In S&T it's quite different and depends if you're on a quant desk; relatively
illiquid trading desk, like some kind of structured product where you'll get a
few trades a day; or a more normal fixed income or commodities desk where
you'll be making markets throughout the day constantly trading, analyzing, and
monitoring the markets.

On my desk - which falls under FI, although I won't say which area - it's
quite liquid, client-focused, and fast-paced.
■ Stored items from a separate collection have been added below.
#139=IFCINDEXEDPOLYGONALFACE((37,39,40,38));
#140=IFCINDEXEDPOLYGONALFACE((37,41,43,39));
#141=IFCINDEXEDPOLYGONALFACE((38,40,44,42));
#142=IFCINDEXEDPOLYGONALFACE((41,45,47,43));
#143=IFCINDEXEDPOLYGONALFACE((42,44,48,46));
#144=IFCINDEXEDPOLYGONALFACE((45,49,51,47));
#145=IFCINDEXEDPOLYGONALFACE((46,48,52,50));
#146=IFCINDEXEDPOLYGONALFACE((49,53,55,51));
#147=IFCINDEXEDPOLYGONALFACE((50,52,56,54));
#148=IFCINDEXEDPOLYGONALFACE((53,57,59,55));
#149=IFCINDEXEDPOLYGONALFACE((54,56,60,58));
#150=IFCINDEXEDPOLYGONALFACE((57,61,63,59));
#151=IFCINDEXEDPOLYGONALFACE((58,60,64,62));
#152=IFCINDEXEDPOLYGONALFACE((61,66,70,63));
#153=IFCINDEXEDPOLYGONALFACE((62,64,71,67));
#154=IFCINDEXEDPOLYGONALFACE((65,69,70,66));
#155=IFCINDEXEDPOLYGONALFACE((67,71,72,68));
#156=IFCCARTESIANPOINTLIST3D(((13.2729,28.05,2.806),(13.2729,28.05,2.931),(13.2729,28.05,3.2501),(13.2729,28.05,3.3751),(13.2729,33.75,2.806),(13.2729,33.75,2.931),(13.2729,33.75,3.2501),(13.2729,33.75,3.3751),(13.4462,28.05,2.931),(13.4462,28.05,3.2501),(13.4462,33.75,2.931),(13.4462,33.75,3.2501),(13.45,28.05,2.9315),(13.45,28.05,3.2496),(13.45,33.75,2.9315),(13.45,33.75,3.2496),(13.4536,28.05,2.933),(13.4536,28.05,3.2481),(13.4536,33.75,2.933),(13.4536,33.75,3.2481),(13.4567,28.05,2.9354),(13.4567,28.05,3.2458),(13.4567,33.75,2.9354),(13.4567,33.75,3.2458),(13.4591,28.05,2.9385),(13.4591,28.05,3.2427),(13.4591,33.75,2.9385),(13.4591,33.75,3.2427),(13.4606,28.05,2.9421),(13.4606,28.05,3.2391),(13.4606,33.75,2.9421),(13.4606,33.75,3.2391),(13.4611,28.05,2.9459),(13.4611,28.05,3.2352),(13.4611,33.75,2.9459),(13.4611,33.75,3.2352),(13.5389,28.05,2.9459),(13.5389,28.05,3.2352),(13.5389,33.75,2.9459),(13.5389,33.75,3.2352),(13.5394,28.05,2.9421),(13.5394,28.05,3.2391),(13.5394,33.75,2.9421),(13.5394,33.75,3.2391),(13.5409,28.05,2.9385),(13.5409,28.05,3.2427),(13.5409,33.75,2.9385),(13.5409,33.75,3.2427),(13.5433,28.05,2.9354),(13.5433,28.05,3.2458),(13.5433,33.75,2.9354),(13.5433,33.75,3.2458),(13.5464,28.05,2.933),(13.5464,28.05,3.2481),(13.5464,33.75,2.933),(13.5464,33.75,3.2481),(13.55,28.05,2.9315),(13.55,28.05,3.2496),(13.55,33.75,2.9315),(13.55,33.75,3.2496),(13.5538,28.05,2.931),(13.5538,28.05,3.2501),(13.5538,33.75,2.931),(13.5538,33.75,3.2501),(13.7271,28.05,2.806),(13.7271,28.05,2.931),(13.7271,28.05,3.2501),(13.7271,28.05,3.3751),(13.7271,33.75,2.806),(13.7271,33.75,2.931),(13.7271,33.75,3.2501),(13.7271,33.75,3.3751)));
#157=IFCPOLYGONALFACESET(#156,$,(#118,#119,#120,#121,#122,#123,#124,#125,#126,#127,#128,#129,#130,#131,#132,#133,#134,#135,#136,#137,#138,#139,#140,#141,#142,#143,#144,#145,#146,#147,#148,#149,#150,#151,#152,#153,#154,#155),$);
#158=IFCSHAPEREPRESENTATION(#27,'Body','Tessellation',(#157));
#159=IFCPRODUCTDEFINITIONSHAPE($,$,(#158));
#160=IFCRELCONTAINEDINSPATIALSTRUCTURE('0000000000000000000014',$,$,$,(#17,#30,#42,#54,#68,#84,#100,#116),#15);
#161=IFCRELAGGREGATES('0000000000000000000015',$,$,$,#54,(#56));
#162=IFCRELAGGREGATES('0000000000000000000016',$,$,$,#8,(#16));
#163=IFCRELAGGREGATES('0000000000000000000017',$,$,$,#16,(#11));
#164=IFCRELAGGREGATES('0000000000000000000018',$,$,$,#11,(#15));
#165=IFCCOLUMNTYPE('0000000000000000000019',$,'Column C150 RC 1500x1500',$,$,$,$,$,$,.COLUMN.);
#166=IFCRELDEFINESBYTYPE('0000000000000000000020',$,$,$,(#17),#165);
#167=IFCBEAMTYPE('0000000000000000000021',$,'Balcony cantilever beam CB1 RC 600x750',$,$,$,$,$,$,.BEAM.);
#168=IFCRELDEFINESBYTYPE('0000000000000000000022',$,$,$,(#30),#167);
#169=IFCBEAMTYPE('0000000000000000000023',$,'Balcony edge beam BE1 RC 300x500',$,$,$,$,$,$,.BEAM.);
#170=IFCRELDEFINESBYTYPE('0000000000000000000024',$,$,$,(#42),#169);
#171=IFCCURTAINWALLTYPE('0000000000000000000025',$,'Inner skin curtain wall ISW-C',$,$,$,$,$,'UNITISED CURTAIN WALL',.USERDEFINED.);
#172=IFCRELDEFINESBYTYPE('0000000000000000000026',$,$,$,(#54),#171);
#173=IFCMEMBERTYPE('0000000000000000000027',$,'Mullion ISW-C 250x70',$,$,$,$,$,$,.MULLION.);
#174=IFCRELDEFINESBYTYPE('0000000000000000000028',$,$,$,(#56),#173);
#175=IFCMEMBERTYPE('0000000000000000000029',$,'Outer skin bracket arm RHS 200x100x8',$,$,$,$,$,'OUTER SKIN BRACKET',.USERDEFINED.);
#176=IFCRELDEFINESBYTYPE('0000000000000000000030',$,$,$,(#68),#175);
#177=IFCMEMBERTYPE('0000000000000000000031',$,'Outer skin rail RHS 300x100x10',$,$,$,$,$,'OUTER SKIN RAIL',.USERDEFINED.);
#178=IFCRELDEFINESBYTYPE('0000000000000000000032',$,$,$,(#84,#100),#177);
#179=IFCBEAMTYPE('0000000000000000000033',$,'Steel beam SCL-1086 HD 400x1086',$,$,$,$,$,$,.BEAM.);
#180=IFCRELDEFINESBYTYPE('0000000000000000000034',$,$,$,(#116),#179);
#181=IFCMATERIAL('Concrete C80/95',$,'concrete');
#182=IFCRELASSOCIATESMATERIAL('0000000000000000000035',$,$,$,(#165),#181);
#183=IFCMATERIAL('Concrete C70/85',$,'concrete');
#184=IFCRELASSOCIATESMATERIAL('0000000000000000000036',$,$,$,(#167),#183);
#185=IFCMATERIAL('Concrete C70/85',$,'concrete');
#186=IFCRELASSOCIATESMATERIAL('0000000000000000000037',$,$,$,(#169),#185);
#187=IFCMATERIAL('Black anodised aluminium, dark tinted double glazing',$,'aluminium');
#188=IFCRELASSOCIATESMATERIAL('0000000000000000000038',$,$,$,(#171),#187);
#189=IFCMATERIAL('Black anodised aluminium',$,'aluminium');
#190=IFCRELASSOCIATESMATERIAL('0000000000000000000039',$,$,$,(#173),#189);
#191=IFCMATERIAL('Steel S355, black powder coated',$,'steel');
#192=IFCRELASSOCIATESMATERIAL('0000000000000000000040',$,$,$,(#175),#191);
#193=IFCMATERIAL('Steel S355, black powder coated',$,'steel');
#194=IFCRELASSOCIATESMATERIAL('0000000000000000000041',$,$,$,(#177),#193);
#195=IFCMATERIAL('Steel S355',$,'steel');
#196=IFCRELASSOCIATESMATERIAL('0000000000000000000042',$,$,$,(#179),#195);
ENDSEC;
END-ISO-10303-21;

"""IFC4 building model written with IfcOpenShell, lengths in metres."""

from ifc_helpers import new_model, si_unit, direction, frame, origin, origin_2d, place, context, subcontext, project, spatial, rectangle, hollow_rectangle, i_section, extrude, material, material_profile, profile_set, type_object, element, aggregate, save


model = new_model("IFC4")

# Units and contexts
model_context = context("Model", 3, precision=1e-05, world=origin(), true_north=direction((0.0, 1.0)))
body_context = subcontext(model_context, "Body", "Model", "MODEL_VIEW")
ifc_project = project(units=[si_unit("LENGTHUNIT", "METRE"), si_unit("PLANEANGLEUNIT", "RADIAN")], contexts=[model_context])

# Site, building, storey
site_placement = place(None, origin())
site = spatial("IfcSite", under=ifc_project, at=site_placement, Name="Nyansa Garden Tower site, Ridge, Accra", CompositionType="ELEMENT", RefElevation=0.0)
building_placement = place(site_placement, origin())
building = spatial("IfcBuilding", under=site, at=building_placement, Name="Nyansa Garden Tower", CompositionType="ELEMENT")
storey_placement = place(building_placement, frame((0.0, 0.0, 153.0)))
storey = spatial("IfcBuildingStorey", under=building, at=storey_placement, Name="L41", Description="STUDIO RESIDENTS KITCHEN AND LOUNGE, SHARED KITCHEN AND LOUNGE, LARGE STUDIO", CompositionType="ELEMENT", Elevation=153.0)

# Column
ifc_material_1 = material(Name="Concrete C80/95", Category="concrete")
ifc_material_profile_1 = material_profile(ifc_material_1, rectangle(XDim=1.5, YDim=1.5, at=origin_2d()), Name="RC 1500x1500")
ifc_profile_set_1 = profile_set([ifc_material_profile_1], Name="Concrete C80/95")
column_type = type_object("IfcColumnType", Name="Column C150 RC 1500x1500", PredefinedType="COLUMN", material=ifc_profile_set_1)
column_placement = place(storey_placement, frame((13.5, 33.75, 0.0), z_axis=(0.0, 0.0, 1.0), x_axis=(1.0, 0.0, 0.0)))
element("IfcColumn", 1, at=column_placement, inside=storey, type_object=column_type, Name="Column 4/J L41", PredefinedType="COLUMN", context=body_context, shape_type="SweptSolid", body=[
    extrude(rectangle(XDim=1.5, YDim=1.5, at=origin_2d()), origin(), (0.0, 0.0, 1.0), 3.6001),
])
6am-7am - Making sure all your systems are launched, working, and then
analyzing what your colleagues in London, Hong Kong, and Tokyo were up to
while you were asleep. Often your book will be managed by those folks and so
you'll want to know what/how they executed (assuming they didn't call you
through the night to get your opinion, which does happen depending on the
product you trade).

7am-5pm - You're constantly trading; analyzing your positions; looking at your
risk; calling middle/back office to get things analyzed; on the phone with
colleagues in London, Tokyo, etc.; perhaps stepping into the odd meeting,
getting someone to watch your monitors; talking to your sales people, giving
them ideas, feedback, what clients should like a certain thing at a certain
level, etc.

5pm-7pm - Making sure back office completes your risk, analyzing and
amalgamating your PnL for the day, chatting with other offices just as you did
at the start of the day.

7pm-11pm - Perhaps you'll go home and go to bed early (9pm or so), or,
depending on your area, you may go to dinner with clients or have some other
social engagement until 10-11pm.

\---

Trading is incredibly diverse, but I think this largely captures the roll of a
sell-side (Goldman) trader in most front-office trading rolls. Quant-traders,
like you'd find at certain quant hedge funds, tend to be less common at sell-
side shops. You'll usually have traders, who just trade, with maths, comp sci,
etc. undergrads who work with the quants (who have PhDs in those fields and
don't trade at all) to get the data, systems, etc. they want. As a result
traders generally, well, spend their entire day trading. Even on quiet days
you'll be glued to your screen waiting, reviewing, thinking about what to do
next. Market making doesn't involve letting clients dictate where the market
moves necessarily, it involves being a liquidity provider and risk mitigator,
which is what I'd say traders on the sell-side largely are.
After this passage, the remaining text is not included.